Se detuvo, me miró y repitió:

—¿Encinta?

—Sí… y estoy absolutamente segura de que has sido tú.

Mino era inteligente y aunque no pudiera intuir que yo estaba mintiendo, comprendió en seguida y perfectamente el objeto de mi anuncio. Cogió una silla, se sentó a mi lado, me acarició afectuosamente la cara y dijo:

—Supongo que ésta debería ser una razón más, la razón por excelencia, para hacerme olvidar lo sucedido y seguir adelante, ¿no es así?

—¿Qué quieres decir? —pregunté fingiendo no entenderlo.

—Voy a convertirme en padre de familia —prosiguió—. Lo que no quería hacer por amor a ti, tendré que hacerlo, como decís las mujeres, por esa criatura.

—Haz lo que quieras —dije encogiéndome de hombros—. Te lo he dicho porque es verdad, y nada más.

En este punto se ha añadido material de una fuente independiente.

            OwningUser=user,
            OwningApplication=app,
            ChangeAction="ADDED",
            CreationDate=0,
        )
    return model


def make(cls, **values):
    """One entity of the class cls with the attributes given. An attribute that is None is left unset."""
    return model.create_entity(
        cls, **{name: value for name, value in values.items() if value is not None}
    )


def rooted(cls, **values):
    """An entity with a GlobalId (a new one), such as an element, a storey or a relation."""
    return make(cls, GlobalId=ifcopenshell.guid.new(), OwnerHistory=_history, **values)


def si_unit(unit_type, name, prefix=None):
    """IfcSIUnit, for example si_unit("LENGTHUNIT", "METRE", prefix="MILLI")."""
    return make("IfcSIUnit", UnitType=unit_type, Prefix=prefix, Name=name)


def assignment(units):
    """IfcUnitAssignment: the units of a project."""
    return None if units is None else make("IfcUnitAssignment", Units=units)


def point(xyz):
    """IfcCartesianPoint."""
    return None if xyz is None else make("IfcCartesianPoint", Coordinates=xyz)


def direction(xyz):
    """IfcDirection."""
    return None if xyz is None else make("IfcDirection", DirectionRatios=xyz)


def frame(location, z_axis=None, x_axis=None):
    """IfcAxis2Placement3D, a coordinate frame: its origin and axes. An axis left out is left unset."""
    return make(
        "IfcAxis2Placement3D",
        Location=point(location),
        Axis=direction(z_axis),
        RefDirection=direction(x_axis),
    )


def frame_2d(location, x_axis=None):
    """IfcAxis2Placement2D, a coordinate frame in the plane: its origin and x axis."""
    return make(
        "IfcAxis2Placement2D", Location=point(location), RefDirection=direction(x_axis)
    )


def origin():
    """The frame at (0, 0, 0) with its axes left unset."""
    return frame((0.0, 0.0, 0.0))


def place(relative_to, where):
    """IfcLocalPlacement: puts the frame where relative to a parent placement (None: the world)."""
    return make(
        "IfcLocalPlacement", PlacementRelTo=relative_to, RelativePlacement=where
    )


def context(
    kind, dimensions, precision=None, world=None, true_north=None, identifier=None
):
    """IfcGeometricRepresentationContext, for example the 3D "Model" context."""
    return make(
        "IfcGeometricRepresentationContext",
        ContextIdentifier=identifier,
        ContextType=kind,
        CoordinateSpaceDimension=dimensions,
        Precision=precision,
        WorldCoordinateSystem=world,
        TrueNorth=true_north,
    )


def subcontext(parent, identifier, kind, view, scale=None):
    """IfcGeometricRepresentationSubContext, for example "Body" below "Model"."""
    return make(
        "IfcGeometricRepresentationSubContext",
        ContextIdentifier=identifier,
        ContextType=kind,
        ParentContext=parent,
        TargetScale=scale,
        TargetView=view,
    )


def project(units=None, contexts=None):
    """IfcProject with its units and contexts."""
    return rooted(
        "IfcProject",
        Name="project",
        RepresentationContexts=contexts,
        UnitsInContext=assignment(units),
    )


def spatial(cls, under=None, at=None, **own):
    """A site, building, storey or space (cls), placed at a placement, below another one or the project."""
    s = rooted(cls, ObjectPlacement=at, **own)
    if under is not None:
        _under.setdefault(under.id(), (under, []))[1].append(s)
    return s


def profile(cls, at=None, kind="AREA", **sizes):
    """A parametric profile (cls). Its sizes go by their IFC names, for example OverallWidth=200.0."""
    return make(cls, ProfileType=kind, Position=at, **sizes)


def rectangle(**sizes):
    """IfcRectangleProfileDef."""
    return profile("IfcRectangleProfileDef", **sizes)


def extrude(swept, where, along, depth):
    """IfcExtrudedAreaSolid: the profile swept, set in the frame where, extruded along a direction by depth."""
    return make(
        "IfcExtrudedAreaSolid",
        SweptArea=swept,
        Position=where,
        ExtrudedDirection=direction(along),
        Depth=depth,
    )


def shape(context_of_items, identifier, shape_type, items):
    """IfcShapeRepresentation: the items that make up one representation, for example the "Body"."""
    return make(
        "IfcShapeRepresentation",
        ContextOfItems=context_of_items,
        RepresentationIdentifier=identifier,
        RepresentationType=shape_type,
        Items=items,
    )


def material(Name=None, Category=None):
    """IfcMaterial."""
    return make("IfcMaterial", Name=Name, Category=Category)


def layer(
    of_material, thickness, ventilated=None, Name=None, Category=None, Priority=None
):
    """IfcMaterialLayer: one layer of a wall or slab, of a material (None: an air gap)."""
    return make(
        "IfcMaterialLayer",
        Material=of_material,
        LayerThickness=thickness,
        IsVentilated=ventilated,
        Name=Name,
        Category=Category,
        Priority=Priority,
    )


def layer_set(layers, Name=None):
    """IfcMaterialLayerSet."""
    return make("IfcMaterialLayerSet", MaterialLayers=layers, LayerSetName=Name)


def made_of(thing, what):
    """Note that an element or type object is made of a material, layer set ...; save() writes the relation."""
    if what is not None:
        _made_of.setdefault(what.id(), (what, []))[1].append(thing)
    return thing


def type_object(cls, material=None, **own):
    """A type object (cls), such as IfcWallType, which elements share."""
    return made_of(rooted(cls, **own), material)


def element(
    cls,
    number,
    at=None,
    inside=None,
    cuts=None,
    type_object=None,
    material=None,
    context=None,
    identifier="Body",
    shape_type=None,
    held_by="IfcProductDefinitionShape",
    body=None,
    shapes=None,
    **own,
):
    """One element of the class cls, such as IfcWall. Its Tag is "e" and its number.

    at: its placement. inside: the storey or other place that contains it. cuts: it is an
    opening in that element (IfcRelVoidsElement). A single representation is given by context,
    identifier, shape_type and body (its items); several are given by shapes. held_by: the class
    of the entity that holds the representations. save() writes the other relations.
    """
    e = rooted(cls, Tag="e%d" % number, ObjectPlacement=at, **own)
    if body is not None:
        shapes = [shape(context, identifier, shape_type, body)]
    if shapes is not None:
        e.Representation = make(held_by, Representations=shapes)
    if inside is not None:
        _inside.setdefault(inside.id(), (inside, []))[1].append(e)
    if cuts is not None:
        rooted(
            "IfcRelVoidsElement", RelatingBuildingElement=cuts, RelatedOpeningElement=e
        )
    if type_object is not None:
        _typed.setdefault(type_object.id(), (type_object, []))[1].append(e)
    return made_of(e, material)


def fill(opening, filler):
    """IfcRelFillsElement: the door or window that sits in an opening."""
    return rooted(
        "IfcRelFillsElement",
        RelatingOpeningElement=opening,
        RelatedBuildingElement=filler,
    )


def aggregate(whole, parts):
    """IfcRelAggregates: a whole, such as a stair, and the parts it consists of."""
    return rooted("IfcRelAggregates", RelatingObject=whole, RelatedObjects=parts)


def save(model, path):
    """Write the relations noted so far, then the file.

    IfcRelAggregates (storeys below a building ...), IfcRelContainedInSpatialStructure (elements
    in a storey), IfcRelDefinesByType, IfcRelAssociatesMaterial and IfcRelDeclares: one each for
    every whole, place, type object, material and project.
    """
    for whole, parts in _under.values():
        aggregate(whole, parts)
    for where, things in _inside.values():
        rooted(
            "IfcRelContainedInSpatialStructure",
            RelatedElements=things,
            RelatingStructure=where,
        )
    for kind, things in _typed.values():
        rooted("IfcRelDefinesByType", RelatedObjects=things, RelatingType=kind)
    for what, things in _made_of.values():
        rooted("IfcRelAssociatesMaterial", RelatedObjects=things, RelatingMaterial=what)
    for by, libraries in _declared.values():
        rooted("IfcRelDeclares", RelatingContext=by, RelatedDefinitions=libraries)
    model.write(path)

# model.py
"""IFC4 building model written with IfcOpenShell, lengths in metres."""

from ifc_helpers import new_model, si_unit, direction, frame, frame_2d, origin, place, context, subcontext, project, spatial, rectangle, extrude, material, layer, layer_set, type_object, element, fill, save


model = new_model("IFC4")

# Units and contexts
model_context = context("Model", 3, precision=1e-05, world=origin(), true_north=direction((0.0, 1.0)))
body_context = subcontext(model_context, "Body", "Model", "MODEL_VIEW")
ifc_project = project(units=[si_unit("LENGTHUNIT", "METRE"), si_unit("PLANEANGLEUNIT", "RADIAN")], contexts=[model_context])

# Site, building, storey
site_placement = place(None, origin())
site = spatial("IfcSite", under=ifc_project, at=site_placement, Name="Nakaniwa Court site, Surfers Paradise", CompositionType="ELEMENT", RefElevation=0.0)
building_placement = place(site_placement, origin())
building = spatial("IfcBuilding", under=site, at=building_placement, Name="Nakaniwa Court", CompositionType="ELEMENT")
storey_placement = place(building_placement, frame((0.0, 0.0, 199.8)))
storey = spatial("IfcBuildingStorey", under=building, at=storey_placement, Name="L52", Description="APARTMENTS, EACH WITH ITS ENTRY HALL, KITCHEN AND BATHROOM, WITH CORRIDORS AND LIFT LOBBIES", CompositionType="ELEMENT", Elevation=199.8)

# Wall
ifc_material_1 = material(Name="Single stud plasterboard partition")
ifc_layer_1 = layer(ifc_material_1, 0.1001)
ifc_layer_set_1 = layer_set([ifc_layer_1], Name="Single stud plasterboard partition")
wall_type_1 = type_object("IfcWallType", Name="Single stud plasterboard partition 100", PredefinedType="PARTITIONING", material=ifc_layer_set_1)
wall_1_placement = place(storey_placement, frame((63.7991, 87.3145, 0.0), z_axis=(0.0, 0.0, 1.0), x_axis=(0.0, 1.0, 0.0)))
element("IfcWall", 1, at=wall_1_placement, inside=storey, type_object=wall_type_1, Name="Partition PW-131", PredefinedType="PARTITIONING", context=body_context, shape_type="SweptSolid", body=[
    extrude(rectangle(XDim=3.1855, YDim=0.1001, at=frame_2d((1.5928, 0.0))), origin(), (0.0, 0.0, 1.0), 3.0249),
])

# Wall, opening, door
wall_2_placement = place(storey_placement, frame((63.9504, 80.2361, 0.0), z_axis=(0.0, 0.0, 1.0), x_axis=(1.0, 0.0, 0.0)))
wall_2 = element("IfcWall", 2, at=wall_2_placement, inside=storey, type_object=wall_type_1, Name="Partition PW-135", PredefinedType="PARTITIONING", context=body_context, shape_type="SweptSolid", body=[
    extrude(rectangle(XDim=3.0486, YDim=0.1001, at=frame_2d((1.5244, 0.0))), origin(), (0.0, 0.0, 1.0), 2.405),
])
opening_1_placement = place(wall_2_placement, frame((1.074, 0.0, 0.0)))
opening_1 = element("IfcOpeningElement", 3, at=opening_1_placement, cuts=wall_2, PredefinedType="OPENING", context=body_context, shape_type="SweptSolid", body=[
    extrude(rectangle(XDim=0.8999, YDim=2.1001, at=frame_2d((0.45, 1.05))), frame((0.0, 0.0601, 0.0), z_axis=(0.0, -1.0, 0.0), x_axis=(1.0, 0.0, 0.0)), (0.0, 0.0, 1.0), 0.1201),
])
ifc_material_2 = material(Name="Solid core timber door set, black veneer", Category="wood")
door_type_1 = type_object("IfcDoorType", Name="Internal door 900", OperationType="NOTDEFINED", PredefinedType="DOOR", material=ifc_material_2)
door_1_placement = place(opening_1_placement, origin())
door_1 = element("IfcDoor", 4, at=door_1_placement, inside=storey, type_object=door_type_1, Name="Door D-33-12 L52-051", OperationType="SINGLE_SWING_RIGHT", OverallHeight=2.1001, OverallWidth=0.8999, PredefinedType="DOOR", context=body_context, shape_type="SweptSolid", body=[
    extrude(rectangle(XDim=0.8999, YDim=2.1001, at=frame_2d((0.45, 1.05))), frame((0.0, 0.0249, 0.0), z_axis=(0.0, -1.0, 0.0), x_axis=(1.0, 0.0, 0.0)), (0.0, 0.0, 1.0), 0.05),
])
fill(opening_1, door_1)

—Un hijo, al fin y al cabo —prosiguió con su tono reflexivo, como pensando en voz alta—, puede ser una razón de vida.

Muchos, casi todos, no piden más. Un hijo es una buena justificación. Hasta se puede robar y matar por un hijo.

—Pero ¿quién te pide que robes ni que mates? —interrumpí, indignada—. Solamente te pido que estés contento… Si no lo estás, paciencia.

Me miró y volvió a acariciarme la mejilla con afecto:

—Si tú estás contenta, yo también lo estoy. ¿Estás contenta tú?

—Yo sí —repuse con firmeza y orgullo—. En primer lugar porque los niños me gustan y después porque lo tengo de ti.

Se echó a reír y dijo:

—Eres astuta tú…

—¿Por qué soy astuta? ¿Qué astucia hay en estar encinta?

—Ninguna… Pero tienes que reconocer que en este momento, en estas circunstancias, es un bonito golpe… Estoy encinta y por lo tanto…

—¿Por lo tanto…?

—Por lo tanto tienes que aceptar lo que has hecho —gritó de pronto con una voz muy fuerte poniéndose de pie y agitando los brazos—. ¡Tienes que vivir, vivir, vivir!

No es posible describir el tono de su voz. Experimenté una opresión atroz en el corazón y los ojos se me llenaron de lágrimas. Balbucí:

—Haz lo que quieras… Si quieres dejarme, déjame… Yo me iré de aquí.

Pareció arrepentirse de su brusquedad, se acercó a mí y me acarició otra vez diciendo:

—Perdóname… No hagas caso de lo que digo… Piensa en tu hijo y no te preocupes de mí.

Le cogí una mano y me la pasé por la cara bañándola con mis lágrimas y balbuciendo:

—Oh, Mino, ¿cómo puedo no preocuparme de ti?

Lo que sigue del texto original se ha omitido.